Excession featured an intelligence with technology beyond that of the Culture. The representatives of the Culture were in a position similar to African tribesmen confronted by European colonizers-they were very much over matched. There was little that the Culture could do to cope with the situation.
Excession featured a spatial anomaly that suddenly mysteriously appeared, confused everybody while they scrambled over each other to possess it, then just as suddenly & mysteriously vanished. Presumably, there was an intelligence behind it but not one that ever revealed itself or its intentions. While there was little that the Culture could do to cope with the situation, there was ultimately nothing that they needed to do because the anomaly just appeared & disappeared of its own accord and never made any attempts to harm or even interact with anyone. As I recall, people who attacked it had their own attacks reflected back at them and the ships that flew into it disappeared and were never seen again in our universe. But in the end, the main impact that the anomaly seemed to have was that its presence made everyone else fight over it, which ended up being pointless because it just suddenly disappeared at the end anyway. Again, a Culture novel that ends in futility but with a relatively happy ending, at least by the standards of this series.
True story: The main reason Tor invented its "Forge" imprint was because too many stores would automatically file any and all Tor books in the SF section, even if it was a crime thriller, a western, or a historical romance!
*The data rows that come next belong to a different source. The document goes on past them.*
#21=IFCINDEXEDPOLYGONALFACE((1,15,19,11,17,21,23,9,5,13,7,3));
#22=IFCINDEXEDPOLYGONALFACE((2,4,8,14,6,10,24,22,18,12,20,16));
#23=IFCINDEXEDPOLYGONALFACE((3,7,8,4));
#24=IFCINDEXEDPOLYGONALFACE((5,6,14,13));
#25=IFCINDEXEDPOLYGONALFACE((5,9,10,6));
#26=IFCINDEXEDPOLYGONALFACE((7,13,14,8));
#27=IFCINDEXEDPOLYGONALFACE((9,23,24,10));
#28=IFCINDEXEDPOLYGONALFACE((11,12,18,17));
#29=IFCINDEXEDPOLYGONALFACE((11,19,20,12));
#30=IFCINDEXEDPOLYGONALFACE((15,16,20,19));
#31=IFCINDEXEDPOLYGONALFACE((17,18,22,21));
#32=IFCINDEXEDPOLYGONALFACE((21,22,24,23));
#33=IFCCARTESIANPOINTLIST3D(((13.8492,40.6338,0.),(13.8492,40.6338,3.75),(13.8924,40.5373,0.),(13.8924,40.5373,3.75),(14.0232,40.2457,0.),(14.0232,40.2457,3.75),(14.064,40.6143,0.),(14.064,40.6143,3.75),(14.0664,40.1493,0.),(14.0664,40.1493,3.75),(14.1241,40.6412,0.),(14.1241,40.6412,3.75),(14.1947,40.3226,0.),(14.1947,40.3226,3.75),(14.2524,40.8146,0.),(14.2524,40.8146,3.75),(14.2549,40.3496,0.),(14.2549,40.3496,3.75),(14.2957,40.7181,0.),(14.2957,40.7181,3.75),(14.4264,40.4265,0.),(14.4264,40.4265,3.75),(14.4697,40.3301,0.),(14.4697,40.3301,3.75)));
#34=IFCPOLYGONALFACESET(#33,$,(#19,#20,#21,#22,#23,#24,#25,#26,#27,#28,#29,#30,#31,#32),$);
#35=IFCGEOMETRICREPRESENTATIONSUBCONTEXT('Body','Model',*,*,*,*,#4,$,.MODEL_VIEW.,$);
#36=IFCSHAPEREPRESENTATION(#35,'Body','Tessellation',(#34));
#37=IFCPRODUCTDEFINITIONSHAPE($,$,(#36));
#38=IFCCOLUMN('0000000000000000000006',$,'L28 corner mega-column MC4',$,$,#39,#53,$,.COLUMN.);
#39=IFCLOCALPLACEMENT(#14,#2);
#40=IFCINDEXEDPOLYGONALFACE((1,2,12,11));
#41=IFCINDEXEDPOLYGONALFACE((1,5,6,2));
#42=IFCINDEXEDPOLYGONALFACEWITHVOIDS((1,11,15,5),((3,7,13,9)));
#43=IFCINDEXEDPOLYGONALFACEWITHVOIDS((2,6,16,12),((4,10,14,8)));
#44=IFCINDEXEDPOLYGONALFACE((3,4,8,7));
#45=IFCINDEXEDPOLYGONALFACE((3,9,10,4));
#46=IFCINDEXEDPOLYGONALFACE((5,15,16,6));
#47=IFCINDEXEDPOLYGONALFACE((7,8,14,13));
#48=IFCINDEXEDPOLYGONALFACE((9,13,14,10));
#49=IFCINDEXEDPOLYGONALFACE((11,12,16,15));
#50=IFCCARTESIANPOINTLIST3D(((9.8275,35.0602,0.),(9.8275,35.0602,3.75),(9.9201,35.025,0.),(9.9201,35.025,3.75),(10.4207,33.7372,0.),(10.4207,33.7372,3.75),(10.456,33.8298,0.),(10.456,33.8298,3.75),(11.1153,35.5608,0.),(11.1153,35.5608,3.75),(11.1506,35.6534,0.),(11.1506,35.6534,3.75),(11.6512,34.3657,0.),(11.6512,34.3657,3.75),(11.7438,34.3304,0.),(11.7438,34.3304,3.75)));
Yea but there is never really an equal balance. I just feel horror needs to be with the murder mysteries and the like. I classify Star Wars say as sci-fi because it is predominantly about space ship battles and robots and I don't see the real distinction between space opera and sci fi per se.
True story: The main reason Tor invented its "Forge" imprint was because too many stores would automatically file any and all Tor books in the SF section, even if it was a crime thriller, a western, or a historical romance!
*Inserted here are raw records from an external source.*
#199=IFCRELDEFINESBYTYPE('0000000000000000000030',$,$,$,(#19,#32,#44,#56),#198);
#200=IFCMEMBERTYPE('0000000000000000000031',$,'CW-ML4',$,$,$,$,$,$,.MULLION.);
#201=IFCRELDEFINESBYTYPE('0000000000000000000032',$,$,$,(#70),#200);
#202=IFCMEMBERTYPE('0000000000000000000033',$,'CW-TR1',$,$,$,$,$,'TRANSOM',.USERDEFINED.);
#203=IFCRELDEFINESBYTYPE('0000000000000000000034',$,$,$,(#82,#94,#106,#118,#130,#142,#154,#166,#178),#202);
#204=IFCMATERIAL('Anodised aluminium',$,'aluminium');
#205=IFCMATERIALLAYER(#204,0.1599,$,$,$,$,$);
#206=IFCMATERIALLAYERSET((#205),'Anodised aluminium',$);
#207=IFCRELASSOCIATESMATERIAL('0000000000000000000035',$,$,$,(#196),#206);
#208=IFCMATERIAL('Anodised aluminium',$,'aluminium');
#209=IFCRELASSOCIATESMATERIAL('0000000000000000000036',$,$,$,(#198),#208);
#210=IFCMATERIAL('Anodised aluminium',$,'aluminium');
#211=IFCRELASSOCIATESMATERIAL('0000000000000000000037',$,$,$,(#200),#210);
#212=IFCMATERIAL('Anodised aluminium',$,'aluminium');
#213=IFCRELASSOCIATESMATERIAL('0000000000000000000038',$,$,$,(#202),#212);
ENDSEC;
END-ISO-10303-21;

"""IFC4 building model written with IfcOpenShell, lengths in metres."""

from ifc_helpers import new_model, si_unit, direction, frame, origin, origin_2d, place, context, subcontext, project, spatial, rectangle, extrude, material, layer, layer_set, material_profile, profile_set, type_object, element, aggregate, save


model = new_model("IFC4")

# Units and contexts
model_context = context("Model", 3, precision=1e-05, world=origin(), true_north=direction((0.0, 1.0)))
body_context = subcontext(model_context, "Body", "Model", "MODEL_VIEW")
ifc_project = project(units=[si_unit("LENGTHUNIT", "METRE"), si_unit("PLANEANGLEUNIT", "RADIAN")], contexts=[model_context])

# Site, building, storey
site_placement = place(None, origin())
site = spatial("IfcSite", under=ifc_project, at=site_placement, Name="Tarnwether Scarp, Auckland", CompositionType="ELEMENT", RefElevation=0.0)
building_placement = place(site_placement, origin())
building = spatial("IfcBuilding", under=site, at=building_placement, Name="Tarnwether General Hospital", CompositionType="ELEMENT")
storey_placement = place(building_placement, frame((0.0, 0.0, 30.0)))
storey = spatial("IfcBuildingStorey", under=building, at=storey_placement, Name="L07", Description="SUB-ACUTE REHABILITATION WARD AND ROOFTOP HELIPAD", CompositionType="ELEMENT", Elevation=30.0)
I get a lot of books a library sales too and the way some of those folks sort is not to be believed. The "Left Behind" series is usually placed in SF even though the people who see it there won't want it and the people who might want it won't see it there. But sometimes that works to your advantage. I found a signed copy of Thomas Stafford's "We Have Capture" in SF. (It has a spaceship on the cover.)
McCaffry tried to create a world that looked like a high fantasy setting at first glance but was scientifically plausible. Her "Dragons" were really just large flying reptiles who could breathe fire only because of a potion made by the riders... something like that. It was 1992 when I read the books so forgive me if I don't remember all the details right off the bat.